Figure 5.High-calorie and high-calorie, high-fat diets led to ectopic lipid deposition and displacement of organelles. Transmission electron microscopy of proximal tubules from fish fed the normal-calorie diets (normal diet and high-fat diets) showed evenly spaced cells with elongated mitochondria distributed throughout the cell and few endocytic vesicles. In contrast, proximal tubule cells in the high-calorie diets (high-calorie and high-calorie, high-fat diets) had bulging apical membranes and cytoplasm filled with lipid droplets, displacing the nucleus and mitochondria to the basal portion of the cell. Scale bars = 5 µm. HC, high-calorie diet; HCHF, high-calorie, high-fat diet; HF, high-fat diet; ND, normal diet.

Figure 6.High-calorie diets led to glomerular filtration barrier dysfunction and susceptibility to injury. A: high-calorie diet feeding resulted in filtration barrier dysfunction. In normal diet-fed fish, no signal was present from 500-kDa dextran uptake in proximal tubules, whereas 70-kDa dextran was filtered and reabsorbed. In high-calorie and high-calorie, high-fat diet-fed fish, the signal from the larger dextran colocalized with the smaller, indicating failure of size exclusion at the glomerulus. Colocalization was demonstrated by Spearman’s ranked correlation coefficient, with 1 = absolute colocalization and 0 = no colocalization. Scatterplots demonstrate the relative intensities of red (x-axis) versus green (y-axis) pixels. B: schematic representation of dietary preconditioning to metronidazole (MTZ) injury. Zebrafish were fed one of four diets for 8 wk prior to treatment with 2 mM MTZ for 24 h and were then allowed to recover for 72 h before euthanasia. C: proximal tubule green fluorescent protein (GFP) fluorescence (arrows) was present after low-dose MTZ injury in fish preconditioned with a high-calorie diet (high-calorie or high-calorie, high-fat diets) but not in those fed a normal diet (arrowheads indicate normal tubules). The high-fat diet-fed group is not shown, as effects were equivalent to normal diet. No fish in the normal diet- or high-fat diet-fed groups had observable GFP in the proximal tubules, while 20% and 40% of those in the high-calorie and high-calorie, high-fat diet-fed groups did, respectively. In C, 5 fish/group were evaluated. Data are presented as percentages of fish with GFP in the proximal tubules. Scale bars = 20 µm. HC, high-calorie diet; HCHF, high-calorie, high-fat diet; HF, high-fat diet; ND, normal diet.

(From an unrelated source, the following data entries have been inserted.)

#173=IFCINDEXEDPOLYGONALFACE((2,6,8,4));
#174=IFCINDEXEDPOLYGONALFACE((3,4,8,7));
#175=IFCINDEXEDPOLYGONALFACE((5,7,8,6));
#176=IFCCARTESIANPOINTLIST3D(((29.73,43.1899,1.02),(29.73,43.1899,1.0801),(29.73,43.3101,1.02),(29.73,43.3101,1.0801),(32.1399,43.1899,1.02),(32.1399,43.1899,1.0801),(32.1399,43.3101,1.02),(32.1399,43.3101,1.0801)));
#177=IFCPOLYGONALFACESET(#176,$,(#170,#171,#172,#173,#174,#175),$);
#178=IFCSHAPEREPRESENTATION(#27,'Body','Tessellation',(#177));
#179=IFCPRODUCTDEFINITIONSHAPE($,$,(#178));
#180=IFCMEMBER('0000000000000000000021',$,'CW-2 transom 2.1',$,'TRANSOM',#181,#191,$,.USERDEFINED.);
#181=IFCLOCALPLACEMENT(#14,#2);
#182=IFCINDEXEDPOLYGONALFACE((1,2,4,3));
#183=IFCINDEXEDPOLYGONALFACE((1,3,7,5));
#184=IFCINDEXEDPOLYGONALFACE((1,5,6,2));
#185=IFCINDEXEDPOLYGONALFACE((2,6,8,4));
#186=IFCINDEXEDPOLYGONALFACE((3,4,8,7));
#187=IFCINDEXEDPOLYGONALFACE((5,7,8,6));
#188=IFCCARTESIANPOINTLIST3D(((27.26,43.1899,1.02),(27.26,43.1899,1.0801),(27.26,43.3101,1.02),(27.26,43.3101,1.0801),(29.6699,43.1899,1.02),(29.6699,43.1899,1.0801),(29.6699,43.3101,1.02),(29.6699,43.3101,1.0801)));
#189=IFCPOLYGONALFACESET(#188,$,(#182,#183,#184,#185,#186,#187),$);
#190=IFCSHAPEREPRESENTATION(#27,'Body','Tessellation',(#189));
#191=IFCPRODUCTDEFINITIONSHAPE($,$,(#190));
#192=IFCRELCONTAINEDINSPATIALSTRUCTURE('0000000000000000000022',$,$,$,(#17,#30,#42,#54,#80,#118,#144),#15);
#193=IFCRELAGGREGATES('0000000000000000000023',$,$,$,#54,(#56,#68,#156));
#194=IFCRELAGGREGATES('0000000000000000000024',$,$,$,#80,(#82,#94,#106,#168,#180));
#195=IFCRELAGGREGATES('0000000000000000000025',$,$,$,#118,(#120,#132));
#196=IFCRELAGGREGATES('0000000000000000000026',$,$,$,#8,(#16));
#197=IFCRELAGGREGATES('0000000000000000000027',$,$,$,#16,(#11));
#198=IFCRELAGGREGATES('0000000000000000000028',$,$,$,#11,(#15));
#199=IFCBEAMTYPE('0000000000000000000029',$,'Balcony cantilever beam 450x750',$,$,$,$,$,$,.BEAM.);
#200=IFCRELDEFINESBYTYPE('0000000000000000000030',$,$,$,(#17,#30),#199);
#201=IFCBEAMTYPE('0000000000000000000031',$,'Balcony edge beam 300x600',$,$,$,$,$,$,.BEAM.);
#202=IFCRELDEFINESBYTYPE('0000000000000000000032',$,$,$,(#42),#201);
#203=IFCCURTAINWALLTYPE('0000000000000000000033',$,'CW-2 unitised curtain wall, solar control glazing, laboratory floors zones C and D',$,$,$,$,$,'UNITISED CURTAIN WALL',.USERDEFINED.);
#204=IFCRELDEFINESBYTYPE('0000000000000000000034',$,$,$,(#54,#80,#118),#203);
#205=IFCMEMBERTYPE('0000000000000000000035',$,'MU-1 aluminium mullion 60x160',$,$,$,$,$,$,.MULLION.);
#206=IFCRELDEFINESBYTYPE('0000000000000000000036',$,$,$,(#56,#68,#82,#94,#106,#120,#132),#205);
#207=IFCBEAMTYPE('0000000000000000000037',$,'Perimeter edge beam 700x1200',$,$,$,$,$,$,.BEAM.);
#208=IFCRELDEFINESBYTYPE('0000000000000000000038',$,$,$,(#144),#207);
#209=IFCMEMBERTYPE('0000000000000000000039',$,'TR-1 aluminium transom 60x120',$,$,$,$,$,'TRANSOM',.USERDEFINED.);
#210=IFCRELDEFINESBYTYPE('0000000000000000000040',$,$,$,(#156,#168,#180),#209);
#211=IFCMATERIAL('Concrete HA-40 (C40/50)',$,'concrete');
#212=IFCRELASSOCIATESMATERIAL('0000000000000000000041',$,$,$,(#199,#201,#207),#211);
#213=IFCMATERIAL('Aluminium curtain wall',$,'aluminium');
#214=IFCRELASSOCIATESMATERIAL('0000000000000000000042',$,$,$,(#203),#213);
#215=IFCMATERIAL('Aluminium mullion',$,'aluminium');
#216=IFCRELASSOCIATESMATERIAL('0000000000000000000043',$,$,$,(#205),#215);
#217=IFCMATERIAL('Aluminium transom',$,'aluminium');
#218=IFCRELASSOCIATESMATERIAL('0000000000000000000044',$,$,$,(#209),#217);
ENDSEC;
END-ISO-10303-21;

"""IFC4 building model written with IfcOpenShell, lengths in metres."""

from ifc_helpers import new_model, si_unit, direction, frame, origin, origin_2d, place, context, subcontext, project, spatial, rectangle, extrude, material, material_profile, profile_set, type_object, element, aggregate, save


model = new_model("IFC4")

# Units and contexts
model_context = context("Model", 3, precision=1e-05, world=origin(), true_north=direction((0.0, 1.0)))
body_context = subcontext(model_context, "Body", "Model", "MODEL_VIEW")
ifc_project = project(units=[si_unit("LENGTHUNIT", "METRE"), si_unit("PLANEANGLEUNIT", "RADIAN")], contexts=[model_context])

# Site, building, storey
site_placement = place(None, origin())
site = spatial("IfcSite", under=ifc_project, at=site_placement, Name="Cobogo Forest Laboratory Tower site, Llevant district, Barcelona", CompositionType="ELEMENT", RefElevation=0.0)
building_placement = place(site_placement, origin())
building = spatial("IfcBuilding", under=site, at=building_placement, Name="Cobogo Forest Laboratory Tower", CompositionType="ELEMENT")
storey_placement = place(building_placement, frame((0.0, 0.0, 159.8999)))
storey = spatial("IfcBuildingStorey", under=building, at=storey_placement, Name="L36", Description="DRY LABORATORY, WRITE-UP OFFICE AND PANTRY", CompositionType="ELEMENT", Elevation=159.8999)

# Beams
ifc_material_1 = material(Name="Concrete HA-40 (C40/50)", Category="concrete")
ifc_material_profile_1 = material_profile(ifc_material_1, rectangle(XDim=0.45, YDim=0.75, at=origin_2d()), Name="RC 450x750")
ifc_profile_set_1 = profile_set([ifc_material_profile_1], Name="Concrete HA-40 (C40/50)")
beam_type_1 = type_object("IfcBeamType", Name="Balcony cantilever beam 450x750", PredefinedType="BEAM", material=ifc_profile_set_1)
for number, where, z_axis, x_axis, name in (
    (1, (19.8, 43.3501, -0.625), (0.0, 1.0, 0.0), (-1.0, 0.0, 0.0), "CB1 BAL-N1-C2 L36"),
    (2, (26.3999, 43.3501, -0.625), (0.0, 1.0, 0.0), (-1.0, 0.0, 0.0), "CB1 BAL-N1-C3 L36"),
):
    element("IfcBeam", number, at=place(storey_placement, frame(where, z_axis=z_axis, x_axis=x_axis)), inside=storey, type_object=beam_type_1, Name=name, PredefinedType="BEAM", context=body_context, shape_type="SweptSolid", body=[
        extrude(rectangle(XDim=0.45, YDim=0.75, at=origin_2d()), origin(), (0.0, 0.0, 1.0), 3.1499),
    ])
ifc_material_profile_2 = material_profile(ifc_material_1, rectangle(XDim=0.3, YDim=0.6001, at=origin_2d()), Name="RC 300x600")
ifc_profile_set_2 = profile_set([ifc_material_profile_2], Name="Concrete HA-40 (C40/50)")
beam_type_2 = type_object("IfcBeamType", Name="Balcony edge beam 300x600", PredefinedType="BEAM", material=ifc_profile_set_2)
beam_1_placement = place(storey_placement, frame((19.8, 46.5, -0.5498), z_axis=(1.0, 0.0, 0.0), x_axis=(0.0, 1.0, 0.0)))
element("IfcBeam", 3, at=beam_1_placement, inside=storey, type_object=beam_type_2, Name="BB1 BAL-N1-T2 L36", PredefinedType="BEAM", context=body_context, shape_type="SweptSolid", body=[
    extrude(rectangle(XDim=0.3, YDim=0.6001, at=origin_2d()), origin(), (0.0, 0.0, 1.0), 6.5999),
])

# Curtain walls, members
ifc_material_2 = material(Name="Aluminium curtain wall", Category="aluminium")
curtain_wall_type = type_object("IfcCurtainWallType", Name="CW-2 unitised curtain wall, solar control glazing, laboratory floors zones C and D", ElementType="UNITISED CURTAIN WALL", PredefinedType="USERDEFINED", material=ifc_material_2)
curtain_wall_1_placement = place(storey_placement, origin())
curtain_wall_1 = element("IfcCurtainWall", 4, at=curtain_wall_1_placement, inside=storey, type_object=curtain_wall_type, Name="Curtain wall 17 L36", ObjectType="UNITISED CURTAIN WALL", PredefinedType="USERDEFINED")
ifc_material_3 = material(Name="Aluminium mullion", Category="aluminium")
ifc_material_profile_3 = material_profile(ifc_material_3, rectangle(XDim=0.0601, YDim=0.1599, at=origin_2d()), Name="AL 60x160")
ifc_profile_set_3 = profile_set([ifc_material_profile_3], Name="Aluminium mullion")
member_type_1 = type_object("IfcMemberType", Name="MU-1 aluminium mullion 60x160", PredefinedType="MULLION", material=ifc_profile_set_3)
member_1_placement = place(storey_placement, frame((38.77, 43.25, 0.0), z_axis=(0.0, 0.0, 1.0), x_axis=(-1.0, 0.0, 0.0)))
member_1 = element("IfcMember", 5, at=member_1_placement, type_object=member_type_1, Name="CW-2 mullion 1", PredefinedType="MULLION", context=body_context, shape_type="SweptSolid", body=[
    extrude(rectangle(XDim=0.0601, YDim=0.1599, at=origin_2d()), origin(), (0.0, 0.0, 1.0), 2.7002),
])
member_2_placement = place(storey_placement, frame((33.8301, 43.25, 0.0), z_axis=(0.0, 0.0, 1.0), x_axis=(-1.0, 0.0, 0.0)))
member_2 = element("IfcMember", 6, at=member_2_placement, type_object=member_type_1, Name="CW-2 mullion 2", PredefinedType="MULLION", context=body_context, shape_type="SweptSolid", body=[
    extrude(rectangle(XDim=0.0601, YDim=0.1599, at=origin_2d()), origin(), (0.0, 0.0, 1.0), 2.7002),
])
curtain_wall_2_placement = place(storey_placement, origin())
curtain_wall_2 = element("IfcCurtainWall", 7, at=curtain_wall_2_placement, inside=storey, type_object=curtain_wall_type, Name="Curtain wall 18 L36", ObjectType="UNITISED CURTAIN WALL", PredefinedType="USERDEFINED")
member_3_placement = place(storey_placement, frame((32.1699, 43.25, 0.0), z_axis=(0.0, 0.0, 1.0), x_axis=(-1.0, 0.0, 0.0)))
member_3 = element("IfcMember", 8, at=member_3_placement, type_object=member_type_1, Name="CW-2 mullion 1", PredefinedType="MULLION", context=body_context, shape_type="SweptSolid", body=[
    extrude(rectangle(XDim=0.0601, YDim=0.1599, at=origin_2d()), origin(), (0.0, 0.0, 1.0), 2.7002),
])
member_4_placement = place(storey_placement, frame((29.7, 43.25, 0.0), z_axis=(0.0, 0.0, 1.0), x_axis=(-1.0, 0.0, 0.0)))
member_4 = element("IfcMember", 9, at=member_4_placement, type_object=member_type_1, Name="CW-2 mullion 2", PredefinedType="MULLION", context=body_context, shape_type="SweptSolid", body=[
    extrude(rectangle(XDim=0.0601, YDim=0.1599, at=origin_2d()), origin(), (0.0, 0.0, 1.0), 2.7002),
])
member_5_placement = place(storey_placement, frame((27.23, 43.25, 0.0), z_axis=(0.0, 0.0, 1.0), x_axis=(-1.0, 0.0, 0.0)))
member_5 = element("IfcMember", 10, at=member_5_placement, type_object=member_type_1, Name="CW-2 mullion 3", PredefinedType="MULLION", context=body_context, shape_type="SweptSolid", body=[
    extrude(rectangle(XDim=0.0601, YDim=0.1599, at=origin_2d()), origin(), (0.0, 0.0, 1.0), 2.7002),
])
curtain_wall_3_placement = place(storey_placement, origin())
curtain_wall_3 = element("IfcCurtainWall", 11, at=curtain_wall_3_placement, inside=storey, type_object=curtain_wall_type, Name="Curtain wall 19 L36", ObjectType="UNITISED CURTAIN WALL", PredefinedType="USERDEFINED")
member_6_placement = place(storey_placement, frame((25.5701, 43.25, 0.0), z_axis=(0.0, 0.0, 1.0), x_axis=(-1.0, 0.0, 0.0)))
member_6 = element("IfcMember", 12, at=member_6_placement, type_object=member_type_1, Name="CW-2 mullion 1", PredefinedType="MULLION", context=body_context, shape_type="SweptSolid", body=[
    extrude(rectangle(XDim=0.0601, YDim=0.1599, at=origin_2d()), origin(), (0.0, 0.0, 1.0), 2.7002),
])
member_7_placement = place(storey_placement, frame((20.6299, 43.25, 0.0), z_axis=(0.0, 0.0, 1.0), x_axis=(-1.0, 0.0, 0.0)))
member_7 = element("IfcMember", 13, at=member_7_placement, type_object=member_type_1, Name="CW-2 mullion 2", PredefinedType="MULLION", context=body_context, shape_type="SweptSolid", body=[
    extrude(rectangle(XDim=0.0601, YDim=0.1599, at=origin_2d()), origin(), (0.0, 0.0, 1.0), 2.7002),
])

Figure 7.Calorie restriction ameliorated the pathological and functional changes caused by high-calorie diets. A: schematic of overfeeding and calorie restriction. Zebrafish were fed a high-calorie diet for 8 wk and then either continued on the high-calorie diet or transitioned to maintenance calories or calorie restriction for 4 wk and compared with fish fed a control diet throughout the 12 wk. B: high-calorie diet induced significant weight gain. Maintenance and calorie restriction diets resulted in slight weight loss, whereas continued high calorie feeding resulted in continued weight gain. C: glomerulomegaly receded with 4 wk of either maintenance or calorie restriction diet, with glomerular size similar to that of control diet-fed fish. High-calorie diet-fed fish continued to exhibit glomerulomegaly. At least 70 glomeruli from 3–4 fish/group were measured on hematoxylin and eosin (H&E)-stained sections. D: proximal tubular enlargement also returned to normal after 4 wk of maintenance or calorie restriction diet. At least 100 proximal tubules from 3−4 fish/group were measured on H&E-stained slides. E: filtration barrier function was restored after 4 wk of either maintenance or calorie restriction diet. High-calorie diet feeding resulted in the presence of 500-kDa dextran in the proximal tubules and glomerulomegaly at 12 wk. Reducing calories to maintenance or calorie-restricted levels eliminated dysfunctional filtration and resulted in normalization of glomerular size. Scale bars = 20 µm. In B, n = 6 fish/group. In C, >60 glomeruli per group were measured per group. In D, >100 tubular cross sections per group were measured. Data are presented as means ± SD. Statistical tests were as follows: Welch ANOVA with Dunnett’s multiple comparisons test. *P < 0.05 and **P < 0.01. CR, calorie-restrict diet; HC, high-calorie diet; MTN, maintenance diet; ND, normal diet.